Suppose the school wants to predict students who are likely to fail the Mathematics course in order to give these students more support in advance. Then the recall of "0" (fail) is an important metric to consider in this case. The Decision Tree model is the most optimal one.
However, if the school wants to correctly predict students who are likely to pass in order to select good students to attend Mathematics competitions, the recall of "1" (pass) should be emphasized. Therefore, the KNN model can be the most optimal one.
In general, the Decision Tree model can be regarded as the best model in terms of the F1-score as this score is a weighted harmonic mean of precision and recall.
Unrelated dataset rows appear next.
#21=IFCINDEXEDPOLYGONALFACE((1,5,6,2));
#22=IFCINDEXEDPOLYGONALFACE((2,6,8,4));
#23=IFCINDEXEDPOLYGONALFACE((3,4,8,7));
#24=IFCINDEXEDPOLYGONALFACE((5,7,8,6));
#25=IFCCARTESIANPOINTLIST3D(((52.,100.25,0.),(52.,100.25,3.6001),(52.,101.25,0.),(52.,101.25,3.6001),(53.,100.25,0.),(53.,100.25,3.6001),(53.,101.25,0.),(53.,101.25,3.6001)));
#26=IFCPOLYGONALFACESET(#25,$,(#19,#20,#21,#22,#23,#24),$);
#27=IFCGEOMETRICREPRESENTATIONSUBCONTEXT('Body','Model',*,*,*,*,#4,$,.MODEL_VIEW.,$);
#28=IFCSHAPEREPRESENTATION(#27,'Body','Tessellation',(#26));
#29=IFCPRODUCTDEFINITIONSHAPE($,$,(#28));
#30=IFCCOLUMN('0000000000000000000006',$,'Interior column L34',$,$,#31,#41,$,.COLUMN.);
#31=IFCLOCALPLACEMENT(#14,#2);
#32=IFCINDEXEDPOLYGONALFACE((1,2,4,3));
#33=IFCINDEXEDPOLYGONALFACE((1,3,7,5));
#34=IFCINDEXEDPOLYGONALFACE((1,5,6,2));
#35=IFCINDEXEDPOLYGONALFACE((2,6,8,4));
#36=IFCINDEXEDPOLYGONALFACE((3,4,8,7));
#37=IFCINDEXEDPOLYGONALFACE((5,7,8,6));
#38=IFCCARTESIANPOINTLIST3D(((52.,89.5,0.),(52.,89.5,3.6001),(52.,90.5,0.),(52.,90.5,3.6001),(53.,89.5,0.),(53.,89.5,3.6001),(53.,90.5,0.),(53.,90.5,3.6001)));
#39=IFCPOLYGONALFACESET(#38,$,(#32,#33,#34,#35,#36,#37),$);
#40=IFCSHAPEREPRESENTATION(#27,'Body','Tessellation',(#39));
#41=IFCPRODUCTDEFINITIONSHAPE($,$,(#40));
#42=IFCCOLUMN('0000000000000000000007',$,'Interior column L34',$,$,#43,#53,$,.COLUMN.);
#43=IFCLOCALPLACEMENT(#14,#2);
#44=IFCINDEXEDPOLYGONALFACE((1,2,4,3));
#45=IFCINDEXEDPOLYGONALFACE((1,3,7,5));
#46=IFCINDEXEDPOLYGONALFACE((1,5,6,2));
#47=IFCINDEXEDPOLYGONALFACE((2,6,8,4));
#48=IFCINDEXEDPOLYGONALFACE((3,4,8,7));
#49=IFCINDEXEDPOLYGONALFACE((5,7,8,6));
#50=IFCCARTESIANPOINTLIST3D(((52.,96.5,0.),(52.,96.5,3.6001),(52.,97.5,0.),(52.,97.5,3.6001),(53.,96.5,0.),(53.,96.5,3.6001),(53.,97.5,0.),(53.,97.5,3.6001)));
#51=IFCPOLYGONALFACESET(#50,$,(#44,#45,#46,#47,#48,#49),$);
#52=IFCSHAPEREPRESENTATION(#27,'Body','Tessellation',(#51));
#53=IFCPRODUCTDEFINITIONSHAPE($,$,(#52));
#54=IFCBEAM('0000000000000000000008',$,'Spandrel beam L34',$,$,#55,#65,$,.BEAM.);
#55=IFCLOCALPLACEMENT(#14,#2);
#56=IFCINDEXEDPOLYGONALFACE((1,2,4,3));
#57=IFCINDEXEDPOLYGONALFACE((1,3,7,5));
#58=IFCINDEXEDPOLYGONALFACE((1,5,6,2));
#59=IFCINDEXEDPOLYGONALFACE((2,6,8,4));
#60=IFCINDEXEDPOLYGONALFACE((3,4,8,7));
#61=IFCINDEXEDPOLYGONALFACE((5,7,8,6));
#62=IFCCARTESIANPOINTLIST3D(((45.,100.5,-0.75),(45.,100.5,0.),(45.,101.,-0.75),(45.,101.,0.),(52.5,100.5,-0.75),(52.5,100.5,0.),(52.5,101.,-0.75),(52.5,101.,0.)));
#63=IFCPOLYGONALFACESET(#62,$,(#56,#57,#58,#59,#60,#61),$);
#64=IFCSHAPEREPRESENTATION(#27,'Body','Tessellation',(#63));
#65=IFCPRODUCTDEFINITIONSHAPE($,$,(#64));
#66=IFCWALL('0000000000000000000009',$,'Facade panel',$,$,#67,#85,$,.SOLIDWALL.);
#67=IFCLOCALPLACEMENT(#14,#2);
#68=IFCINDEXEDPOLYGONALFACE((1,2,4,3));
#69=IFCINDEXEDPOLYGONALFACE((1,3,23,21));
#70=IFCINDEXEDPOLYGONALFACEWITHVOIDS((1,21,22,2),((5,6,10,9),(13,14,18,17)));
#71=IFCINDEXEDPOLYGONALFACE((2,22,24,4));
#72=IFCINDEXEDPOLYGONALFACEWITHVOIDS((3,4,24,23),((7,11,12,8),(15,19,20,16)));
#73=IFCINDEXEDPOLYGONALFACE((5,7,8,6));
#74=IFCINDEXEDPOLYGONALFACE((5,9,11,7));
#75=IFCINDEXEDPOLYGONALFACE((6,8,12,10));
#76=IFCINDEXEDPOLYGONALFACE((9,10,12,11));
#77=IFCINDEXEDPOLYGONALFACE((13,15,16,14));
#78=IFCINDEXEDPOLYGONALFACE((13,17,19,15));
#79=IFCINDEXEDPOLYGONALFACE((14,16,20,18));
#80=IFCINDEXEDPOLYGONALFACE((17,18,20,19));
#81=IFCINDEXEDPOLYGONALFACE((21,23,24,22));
# Summary <a class="anchor" id="5"></a> 

The Decision Tree model based on the top 10 features selected by F-Score is the best model for prediction in this analysis, under a limited hyperparameter tuning and feature selection approach. Although there is not enough statiscal evidence to show that this Descision Tree model performs better than the other KNN and Naive Bayes models, at a 5% level of significance, it yields the highest AUC score (0.916) and F1 score (0.9). In general, all models with only the top 10 features selected by F-Score perform significantly better than those with the full features, at a 5% level of significance.

# References <a class="anchor" id="6"></a> 
* P. Cortez and A. Silva. Using Data Mining to Predict Secondary School Student Performance. In A. Brito and J. Teixeira Eds., Proceedings of 5th FUture BUsiness TEChnology Conference (FUBUTEC 2008) pp. 5-12, Porto, Portugal, April, 2008, EUROSIS, ISBN 978-9077381-39-7.